Re: [PATCH for -mm] getrusage: fill ru_maxrss value
From: Jiri Pirko
Date: Wed Dec 31 2008 - 13:09:19 EST
On Wed, 31 Dec 2008 21:42:36 +0900 (JST)
KOSAKI Motohiro <kosaki.motohiro@xxxxxxxxxxxxxx> wrote:
> Hi!
>
> > > Changes Jiris's last version
> > > - At wait_task_zombie(), parent process doesn't only collect child maxrss,
> > > but also cmaxrss.
> > Yes, this is what we were missing so far.
> >
> > > - ru_maxrss inherit at exec()
> > > - style fixes.
> >
> > New patch seems almost fine to me. Only I do not like usage of max()

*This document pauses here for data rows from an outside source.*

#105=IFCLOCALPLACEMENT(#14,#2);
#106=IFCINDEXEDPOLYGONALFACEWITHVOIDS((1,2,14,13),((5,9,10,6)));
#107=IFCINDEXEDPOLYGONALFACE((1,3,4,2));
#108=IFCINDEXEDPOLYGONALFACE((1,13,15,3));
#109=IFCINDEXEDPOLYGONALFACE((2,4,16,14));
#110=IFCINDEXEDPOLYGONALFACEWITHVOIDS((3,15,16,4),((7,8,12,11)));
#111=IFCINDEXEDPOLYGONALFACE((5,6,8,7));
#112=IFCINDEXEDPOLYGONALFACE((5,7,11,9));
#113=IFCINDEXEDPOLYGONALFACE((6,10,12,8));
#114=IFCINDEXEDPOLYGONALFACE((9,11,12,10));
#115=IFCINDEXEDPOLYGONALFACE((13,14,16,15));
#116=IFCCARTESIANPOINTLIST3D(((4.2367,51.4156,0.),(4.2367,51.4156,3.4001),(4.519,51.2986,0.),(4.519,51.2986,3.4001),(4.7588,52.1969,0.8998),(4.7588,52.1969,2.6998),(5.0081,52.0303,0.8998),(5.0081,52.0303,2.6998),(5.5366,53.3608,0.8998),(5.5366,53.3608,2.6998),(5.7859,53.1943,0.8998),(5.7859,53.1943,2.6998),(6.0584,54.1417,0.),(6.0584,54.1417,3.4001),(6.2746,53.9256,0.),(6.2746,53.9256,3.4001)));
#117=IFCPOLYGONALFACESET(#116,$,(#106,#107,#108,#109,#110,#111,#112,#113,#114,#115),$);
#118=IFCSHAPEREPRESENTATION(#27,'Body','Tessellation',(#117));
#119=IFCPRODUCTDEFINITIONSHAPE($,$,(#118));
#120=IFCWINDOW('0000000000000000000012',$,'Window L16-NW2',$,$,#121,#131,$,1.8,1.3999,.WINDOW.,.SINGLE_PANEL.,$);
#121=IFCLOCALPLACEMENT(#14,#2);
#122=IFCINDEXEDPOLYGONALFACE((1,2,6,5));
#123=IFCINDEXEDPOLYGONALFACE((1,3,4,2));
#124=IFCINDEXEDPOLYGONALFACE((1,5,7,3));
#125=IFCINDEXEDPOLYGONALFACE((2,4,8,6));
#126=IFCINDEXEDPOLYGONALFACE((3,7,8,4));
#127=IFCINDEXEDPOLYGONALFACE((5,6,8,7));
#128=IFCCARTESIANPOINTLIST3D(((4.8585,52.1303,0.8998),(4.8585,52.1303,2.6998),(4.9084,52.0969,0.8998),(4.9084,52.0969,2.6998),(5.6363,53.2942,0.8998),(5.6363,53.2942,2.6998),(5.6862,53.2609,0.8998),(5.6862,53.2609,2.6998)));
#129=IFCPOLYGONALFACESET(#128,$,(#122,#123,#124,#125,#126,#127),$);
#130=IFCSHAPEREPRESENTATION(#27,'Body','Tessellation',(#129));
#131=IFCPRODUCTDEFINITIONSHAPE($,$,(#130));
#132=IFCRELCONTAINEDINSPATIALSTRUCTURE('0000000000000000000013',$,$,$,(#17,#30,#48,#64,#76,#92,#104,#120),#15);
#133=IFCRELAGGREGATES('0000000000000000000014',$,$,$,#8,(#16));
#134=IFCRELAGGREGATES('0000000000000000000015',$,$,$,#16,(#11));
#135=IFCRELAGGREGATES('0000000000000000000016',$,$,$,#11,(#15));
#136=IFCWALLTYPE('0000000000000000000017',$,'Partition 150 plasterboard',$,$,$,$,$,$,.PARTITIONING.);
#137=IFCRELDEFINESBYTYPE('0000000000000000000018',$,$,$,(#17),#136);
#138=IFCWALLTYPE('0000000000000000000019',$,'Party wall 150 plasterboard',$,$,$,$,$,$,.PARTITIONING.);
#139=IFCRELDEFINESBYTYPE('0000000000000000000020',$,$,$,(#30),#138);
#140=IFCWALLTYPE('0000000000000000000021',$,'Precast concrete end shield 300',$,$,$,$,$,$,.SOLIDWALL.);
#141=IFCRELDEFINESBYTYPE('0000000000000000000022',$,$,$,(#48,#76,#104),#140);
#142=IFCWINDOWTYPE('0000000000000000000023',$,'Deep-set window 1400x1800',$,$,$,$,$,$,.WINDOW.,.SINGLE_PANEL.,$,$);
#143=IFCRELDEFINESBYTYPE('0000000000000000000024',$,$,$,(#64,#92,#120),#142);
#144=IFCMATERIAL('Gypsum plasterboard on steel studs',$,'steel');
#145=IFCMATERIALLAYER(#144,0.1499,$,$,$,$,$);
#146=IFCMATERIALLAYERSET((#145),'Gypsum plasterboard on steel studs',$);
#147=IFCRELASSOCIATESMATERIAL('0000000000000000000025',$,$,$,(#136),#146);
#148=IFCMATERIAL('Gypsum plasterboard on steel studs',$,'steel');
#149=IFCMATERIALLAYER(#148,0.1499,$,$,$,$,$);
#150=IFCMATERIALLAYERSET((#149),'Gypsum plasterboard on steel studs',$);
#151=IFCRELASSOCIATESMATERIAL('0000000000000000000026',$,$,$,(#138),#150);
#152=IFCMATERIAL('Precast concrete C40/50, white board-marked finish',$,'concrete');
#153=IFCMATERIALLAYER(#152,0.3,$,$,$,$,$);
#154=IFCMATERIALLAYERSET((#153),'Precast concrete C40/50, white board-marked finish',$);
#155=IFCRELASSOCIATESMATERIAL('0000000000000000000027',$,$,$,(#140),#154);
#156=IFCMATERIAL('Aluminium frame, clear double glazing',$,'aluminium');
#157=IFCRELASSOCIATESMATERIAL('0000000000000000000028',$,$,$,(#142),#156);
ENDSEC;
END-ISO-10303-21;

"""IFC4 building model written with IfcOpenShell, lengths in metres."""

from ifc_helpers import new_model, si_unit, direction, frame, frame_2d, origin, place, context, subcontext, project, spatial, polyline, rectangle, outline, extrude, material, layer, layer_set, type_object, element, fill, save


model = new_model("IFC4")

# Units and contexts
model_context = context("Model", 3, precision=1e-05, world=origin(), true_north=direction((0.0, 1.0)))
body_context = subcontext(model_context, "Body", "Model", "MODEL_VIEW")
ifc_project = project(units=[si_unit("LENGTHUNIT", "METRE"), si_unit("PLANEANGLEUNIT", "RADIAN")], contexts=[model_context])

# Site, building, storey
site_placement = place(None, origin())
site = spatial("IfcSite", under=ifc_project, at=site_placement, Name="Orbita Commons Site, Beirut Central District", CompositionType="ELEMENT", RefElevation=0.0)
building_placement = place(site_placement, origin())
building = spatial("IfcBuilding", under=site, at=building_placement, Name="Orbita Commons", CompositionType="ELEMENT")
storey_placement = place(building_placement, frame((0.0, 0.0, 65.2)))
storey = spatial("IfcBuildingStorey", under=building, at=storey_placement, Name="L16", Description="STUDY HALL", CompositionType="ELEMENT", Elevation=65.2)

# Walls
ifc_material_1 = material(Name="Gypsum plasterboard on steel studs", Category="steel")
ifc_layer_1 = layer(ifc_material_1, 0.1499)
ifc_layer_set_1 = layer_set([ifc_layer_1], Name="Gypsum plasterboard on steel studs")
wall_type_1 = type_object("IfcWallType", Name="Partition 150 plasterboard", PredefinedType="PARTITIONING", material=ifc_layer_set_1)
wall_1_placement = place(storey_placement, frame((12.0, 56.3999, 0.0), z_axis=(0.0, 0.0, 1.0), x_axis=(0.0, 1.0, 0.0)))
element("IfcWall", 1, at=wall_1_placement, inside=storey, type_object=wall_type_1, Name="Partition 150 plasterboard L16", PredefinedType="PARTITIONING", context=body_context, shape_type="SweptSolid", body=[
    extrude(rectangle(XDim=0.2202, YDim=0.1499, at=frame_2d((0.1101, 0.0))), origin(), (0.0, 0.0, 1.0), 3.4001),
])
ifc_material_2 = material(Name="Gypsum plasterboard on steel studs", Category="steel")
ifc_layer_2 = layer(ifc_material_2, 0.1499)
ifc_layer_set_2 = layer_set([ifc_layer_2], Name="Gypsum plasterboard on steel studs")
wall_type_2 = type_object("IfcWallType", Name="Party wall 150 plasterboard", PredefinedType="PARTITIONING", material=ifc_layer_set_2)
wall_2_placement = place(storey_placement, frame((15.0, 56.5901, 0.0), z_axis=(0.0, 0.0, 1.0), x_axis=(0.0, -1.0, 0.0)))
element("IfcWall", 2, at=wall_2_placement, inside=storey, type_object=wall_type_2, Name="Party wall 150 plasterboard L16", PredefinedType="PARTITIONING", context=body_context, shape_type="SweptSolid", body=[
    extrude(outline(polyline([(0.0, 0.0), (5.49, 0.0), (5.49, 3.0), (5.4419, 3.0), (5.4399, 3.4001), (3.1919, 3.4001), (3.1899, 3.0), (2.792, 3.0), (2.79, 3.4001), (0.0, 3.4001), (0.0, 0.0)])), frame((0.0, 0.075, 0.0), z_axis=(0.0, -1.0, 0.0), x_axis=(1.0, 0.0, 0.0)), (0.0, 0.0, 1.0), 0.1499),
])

> > macro in do_exit() and in de_thread(). It's unnecessary and little
> > wasting (yes only a little :)). This two spots would be maybe better
> > solved with if(<).
>
> Done!
>
>
Okay - now I'm happy with this patch. Let's see with what Oleg will come :)
>
> Changelog
> v1 -> v2
> - Removed unnecessary max() macro
> - To avoid ru_maxrss recalculation in k_getrusage()
> - style fixes
>
> Jiri's resend3 -> v1
> - At wait_task_zombie(), parent process doesn't only collect child maxrss,
> but also cmaxrss.
> - ru_maxrss inherit at exec()
> - style fixes
>
>
> Applied after: introduce-get_mm_hiwater_xxx-fix-taskstats-hiwater_xxx-accounting.patch
> ==
> From: Signed-off-by: Jiri Pirko <jpirko@xxxxxxxxxx>
> Subject: [PATCH for -mm] getrusage: fill ru_maxrss value
>
> This patch makes ->ru_maxrss value in struct rusage filled accordingly to
> rss hiwater mark. This struct is filled as a parameter to
> getrusage syscall. ->ru_maxrss value is set to KBs which is the way it
> is done in BSD systems. /usr/bin/time (gnu time) application converts
> ->ru_maxrss to KBs which seems to be incorrect behavior. Maintainer of
> this util was notified by me with the patch which corrects it and cc'ed.
>
> To make this happen we extend struct signal_struct by two fields. The
> first one is ->maxrss which we use to store rss hiwater of the task. The
> second one is ->cmaxrss which we use to store highest rss hiwater of all
> task childs. These values are used in k_getrusage() to actually fill
> ->ru_maxrss. k_getrusage() uses current rss hiwater value directly
> if mm struct exists.
>
> Note:
> exec() clear mm->hiwater_rss, but doesn't clear sig->maxrss.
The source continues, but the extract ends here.